1960: The Roof: Its Symbol and Function

The Congress Hall debate and Frei Otto’s criticisms

Sketch from Bauwelt 1958, Issue1, (c) Bauwelt 1958, Issue1

Routine sets in at the Congress Hall. The German doctors hold their congress there, as do the metalworkers’ union, road researchers, “film-workers for the youth”, the German student union, the German writers' union, the Union des Etudiants Catholiques Africains and the Liberale Weltunion (later the Liberale Internationale). Normality prevails – if indeed one may speak of normality in a city in which more than 150,000 people will cross the demarcation line from East to West this year alone. At a time when thousands and thousands of people a year are leaving their homes between Rügen and the Erzgebirge and using Berlin as an emergency exit, the returnees hold their congress at the Congress Hall. German history is evidently keeping people on the move ...

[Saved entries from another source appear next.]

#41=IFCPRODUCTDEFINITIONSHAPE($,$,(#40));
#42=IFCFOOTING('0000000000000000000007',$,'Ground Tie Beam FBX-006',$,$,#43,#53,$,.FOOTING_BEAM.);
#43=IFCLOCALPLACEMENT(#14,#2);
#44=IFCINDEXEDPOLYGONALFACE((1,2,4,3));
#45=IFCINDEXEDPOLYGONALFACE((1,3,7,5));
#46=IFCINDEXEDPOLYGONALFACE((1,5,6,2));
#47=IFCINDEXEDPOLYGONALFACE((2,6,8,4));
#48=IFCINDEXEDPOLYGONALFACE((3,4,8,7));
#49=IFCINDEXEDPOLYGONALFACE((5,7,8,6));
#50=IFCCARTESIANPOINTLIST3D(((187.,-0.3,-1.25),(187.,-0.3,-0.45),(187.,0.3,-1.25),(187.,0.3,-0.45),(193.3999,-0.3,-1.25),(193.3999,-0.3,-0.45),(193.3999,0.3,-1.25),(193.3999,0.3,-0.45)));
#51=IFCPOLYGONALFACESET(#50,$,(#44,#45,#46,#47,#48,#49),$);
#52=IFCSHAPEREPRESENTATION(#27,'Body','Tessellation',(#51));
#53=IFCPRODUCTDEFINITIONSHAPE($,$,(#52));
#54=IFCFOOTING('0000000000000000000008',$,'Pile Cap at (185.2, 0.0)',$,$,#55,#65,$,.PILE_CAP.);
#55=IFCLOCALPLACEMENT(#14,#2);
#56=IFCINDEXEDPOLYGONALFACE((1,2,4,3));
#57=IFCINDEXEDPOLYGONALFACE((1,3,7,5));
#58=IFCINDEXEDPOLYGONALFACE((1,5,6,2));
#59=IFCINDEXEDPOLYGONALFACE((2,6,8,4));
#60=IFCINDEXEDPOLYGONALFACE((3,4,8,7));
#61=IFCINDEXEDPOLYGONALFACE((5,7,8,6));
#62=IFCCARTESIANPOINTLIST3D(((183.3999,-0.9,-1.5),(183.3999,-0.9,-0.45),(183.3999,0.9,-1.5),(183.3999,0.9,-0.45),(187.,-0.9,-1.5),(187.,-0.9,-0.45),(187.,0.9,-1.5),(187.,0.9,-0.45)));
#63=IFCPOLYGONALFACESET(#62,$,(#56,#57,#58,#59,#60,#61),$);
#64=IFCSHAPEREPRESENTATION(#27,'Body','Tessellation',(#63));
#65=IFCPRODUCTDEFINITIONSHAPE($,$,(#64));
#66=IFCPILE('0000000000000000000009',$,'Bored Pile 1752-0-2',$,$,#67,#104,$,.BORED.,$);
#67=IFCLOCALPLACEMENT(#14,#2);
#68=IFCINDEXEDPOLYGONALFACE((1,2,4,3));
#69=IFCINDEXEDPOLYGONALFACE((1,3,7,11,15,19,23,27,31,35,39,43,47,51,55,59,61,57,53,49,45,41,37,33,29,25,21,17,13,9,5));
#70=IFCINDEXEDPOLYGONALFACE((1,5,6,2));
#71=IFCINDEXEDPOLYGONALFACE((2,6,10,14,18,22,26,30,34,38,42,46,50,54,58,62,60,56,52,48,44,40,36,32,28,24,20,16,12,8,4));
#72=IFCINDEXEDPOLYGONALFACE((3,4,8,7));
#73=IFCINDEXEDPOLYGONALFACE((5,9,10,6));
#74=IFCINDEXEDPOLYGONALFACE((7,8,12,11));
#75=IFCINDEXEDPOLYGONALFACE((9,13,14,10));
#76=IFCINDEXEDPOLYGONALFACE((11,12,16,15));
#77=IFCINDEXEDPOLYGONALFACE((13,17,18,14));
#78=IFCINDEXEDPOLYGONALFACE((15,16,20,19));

The fact that the Congress Hall has thus become a beacon of freedom is not lost on the East, as the petulant tone of an article published in the East German architectural journal in March clearly shows. A few years later, the East German magazine Deutsche Architecture will recapitulate the arguments advanced by the West German architect Frei Otto, probably the shrewdest critic of the Congress Hall’s design. Nor will it forgo the obligatory polemic against Eleanor Dulles, accused in the introduction of regularly infiltrating agents and arsonists. For all that, it is worth revisiting the debate between Otto and Hugh Stubbins. (Otto experimented with tent structures in the 1950s and later designed bold space grid structures such as the Olympic Stadium in Munich.)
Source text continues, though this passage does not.